02/11/2024
HOW DR PEPPER EMBRACED BEING DIFFERENT
This Texas original has always been a soft drink underdog. It's less fizzy than other soft drinks and has a unique flavor profile. The only way to understand what it tastes like is to drink a Dr Pepper. It's as different as the place it comes from.
Although the 23 flavors in a Pepper are top secret, the best educated guesses we've seen are as follows: amaretto, almond, blackberry, black licorice, carrot, clove, cherry, caramel, cola, ginger, juniper, lemon, molasses, nutmeg, orange, prune, plum, pepper, root beer, rum, raspberry, tomato, and vanilla.
On paper, those flavors ain't exactly harmonious but our taste buds tell us otherwise. Because it's a unique concoction, Dr Pepper always stood apart from its competitors. Today, we view that as a feature, not a bug, but it wasn't always that way. We can see that in its ad campaigns.

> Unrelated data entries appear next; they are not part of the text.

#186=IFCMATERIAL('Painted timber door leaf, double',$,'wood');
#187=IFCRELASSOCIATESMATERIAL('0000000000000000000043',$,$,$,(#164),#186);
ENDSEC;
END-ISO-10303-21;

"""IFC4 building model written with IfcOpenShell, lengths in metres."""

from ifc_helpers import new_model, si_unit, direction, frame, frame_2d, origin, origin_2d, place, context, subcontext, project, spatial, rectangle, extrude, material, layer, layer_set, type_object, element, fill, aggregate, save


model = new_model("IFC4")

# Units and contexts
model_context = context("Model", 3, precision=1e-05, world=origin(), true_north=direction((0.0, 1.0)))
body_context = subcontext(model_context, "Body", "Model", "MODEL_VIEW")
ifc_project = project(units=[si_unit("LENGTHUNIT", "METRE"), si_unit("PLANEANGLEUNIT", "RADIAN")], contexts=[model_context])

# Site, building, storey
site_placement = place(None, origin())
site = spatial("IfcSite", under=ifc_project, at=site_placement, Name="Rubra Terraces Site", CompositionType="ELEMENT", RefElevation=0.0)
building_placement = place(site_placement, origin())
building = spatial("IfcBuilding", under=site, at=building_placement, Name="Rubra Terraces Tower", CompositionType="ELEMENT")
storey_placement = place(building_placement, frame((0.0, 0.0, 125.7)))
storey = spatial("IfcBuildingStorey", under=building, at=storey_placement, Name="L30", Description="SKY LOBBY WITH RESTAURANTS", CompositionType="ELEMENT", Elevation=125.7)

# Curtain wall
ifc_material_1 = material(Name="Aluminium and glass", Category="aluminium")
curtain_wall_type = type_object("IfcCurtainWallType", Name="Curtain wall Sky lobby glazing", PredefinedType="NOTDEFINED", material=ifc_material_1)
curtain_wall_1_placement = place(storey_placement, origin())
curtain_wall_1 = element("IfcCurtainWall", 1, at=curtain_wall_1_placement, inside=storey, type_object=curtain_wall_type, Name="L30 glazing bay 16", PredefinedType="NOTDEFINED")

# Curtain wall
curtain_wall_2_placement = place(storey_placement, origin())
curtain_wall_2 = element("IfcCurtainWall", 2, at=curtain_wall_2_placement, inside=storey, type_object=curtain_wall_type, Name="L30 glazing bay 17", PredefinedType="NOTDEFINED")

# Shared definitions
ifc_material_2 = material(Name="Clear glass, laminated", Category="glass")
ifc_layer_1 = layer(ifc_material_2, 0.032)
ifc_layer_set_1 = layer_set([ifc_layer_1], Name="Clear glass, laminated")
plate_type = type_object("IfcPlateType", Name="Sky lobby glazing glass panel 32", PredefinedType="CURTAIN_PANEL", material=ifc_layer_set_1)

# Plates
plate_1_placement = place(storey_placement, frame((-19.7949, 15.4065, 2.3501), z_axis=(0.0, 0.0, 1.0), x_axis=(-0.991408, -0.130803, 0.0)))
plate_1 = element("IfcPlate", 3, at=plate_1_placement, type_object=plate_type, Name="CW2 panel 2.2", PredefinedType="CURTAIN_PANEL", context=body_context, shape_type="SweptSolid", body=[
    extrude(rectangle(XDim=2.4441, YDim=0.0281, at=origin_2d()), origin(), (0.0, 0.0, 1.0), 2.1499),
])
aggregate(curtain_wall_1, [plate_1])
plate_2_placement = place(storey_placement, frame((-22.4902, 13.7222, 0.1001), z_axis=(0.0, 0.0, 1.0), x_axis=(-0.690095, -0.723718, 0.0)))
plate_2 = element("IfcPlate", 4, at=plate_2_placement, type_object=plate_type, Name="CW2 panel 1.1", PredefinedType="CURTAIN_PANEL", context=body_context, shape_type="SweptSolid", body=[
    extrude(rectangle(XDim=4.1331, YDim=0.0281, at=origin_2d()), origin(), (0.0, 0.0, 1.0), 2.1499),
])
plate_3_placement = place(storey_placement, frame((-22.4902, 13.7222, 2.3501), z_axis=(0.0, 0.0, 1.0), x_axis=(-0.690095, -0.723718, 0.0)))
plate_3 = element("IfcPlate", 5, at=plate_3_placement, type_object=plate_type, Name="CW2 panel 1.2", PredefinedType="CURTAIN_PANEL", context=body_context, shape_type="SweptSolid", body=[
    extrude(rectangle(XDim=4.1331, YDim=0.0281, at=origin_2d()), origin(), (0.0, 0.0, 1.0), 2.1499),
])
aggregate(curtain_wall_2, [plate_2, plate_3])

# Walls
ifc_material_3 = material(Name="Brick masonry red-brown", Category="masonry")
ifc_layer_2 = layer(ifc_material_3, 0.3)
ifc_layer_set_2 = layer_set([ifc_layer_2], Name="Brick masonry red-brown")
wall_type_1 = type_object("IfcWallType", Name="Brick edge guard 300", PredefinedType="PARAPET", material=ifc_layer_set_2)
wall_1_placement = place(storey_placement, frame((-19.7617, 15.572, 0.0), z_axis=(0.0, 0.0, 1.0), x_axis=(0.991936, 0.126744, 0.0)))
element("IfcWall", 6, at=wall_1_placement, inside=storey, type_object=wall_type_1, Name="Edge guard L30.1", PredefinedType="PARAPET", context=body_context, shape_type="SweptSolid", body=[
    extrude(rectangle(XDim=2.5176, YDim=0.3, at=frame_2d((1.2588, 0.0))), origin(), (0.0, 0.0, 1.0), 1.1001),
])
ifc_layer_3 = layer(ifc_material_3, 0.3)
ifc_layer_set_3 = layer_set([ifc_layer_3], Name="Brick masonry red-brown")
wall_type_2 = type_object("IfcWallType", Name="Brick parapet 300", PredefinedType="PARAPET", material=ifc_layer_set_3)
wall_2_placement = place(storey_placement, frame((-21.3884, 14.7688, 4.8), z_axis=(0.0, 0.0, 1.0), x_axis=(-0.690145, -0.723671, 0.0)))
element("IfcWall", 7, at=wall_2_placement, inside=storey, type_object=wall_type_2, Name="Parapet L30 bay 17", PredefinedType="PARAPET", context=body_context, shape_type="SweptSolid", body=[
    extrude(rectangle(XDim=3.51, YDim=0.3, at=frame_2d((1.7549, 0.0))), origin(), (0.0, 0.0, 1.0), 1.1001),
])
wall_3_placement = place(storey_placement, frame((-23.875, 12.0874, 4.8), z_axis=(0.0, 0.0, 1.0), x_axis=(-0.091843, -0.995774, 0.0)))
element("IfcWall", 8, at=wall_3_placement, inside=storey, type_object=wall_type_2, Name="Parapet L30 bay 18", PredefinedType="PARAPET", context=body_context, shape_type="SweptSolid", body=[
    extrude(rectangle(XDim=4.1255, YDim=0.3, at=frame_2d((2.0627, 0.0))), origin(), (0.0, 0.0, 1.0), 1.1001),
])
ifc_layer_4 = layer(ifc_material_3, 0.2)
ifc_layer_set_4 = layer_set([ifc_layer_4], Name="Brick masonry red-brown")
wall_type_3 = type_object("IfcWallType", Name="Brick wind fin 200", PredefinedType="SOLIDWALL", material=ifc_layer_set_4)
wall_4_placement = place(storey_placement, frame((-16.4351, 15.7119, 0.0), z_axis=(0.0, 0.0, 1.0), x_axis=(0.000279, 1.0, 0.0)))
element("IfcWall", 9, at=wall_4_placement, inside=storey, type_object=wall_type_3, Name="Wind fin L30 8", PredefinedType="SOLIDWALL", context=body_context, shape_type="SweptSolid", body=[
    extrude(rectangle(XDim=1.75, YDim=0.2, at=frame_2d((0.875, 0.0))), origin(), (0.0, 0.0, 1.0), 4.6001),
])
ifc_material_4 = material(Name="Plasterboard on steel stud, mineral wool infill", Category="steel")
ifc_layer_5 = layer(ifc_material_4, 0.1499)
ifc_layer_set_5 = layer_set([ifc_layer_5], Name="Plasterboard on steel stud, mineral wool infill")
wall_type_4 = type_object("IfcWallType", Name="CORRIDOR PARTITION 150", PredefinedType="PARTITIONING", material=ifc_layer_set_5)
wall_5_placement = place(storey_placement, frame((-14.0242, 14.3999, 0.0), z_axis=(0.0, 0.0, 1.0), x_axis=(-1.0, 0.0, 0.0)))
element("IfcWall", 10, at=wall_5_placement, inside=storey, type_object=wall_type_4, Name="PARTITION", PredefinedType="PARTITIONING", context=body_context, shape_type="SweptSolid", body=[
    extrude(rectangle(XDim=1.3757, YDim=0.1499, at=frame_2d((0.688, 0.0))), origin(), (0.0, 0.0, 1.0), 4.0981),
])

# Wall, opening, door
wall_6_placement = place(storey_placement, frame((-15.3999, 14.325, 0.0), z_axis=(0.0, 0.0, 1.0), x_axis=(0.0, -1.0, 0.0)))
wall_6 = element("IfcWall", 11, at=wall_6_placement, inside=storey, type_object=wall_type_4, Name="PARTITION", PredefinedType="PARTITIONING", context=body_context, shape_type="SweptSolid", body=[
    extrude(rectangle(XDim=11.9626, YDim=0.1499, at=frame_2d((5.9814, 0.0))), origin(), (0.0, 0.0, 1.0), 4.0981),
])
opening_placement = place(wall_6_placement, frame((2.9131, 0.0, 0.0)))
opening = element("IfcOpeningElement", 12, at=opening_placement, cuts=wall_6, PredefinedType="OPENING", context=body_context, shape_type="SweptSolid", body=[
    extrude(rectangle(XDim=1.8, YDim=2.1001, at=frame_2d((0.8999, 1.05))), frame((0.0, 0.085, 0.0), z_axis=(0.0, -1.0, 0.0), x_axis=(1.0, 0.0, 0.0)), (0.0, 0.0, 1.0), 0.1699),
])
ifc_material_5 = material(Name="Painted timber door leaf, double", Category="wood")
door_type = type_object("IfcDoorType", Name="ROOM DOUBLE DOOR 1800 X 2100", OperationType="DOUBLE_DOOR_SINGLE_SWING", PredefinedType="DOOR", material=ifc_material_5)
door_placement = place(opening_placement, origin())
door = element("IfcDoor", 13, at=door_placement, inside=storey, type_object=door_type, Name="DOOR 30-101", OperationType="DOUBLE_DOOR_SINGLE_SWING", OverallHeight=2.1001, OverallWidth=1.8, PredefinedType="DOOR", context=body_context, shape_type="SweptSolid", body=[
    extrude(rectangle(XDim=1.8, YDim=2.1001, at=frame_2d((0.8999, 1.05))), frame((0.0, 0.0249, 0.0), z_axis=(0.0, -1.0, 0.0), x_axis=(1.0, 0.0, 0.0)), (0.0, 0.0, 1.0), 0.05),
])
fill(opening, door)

DP's first slogan (1889-1914) had characteristic Texas boldness: The King of Beverages!
For the next two decades, the brand promoted itself as a digestive aid and an energy drink. When new research showed that sugar gave humans a little jolt of energy, Dr Pepper minted a new slogan: "Drink a Bite to Eat at 10, 2, and 4 o'clock."
The feelings of prosperity and freedom in the post-WWII era ushered in a more pithy slogan, still staked to the sugar in the drink The 1950s ads called it the "Friendly Pepper Upper" and a new character appeared on the scene for the television age: Frosty Dog, whose beatnik catch phrase was, "Frosty, man. Frosty." A little subversive and different, while brands like Coca Cola were making appeals to the mainstream.
By the turbulent 1960s, Dr Pepper fully embraced being different. Its new slogan was "America's Most Misunderstood Soft Drink." This reflected public confusion about the beverage. People wondered - if it's not a cola, what in the hell is it? The folks at Dr. Pepper crafted a jingle to address these concerns. "It's not a cola, it's not a root beer" went the lyrics. Dr Pepper was and is very much its own thing.
Mind you, this was the same decade in which the soft drink once marketed as "frosty, man" advised the public to serve it hot with lemon slices in the winter. This new serving suggestion made it a drink for all seasons. You may know people who still drink it this way when a norther blows in.
In the early 1970s, Dr Pepper stood firm on its uniqueness with the slogan "The Most Original Soft Drink Ever." Later in the decade, disco was in and the Texas drink chimed in with its most famous jingle, encouraging Americans to be as unique as a DP:
I'm a Pepper! He's a Pepper!
She's a Pepper! We're a Pepper!
Wouldn't you like to be a Pepper, too?
Be a Pepper.
Drink Dr Pepper.
This supremely singable jingle was so successful, it caused Coca Cola to sit up and take notice. Coke created a new product that tried to mimic the flavors of Dr Pepper. They called it "Peppo" and test marketed it on Dr Pepper's home turf: Waco, Temple, and Columbus. Dr Pepper wasn't having it. They sued over the name and won. So Coke rebranded Peppo as Mr. PIBB and poured millions into trying to squeeze Dr Pepper out of the market niche it had carves out for itself. PIBB failed.
As the Cola Wars raged in the 1980s, Dr Pepper stayed above the fray, reminding Americans that it was "Out of the Ordinary," implying, perhaps. that Coke and Pepsi were just two sides of the same sugar water cola coin.
Since the 1980s, the Texas original has made its way to other continents where ad campaigns invariably have tried to convey to consumers that the only way to understand what Dr Pepper tastes like is to drink one. It's a weird drink and that's precisely why we love it.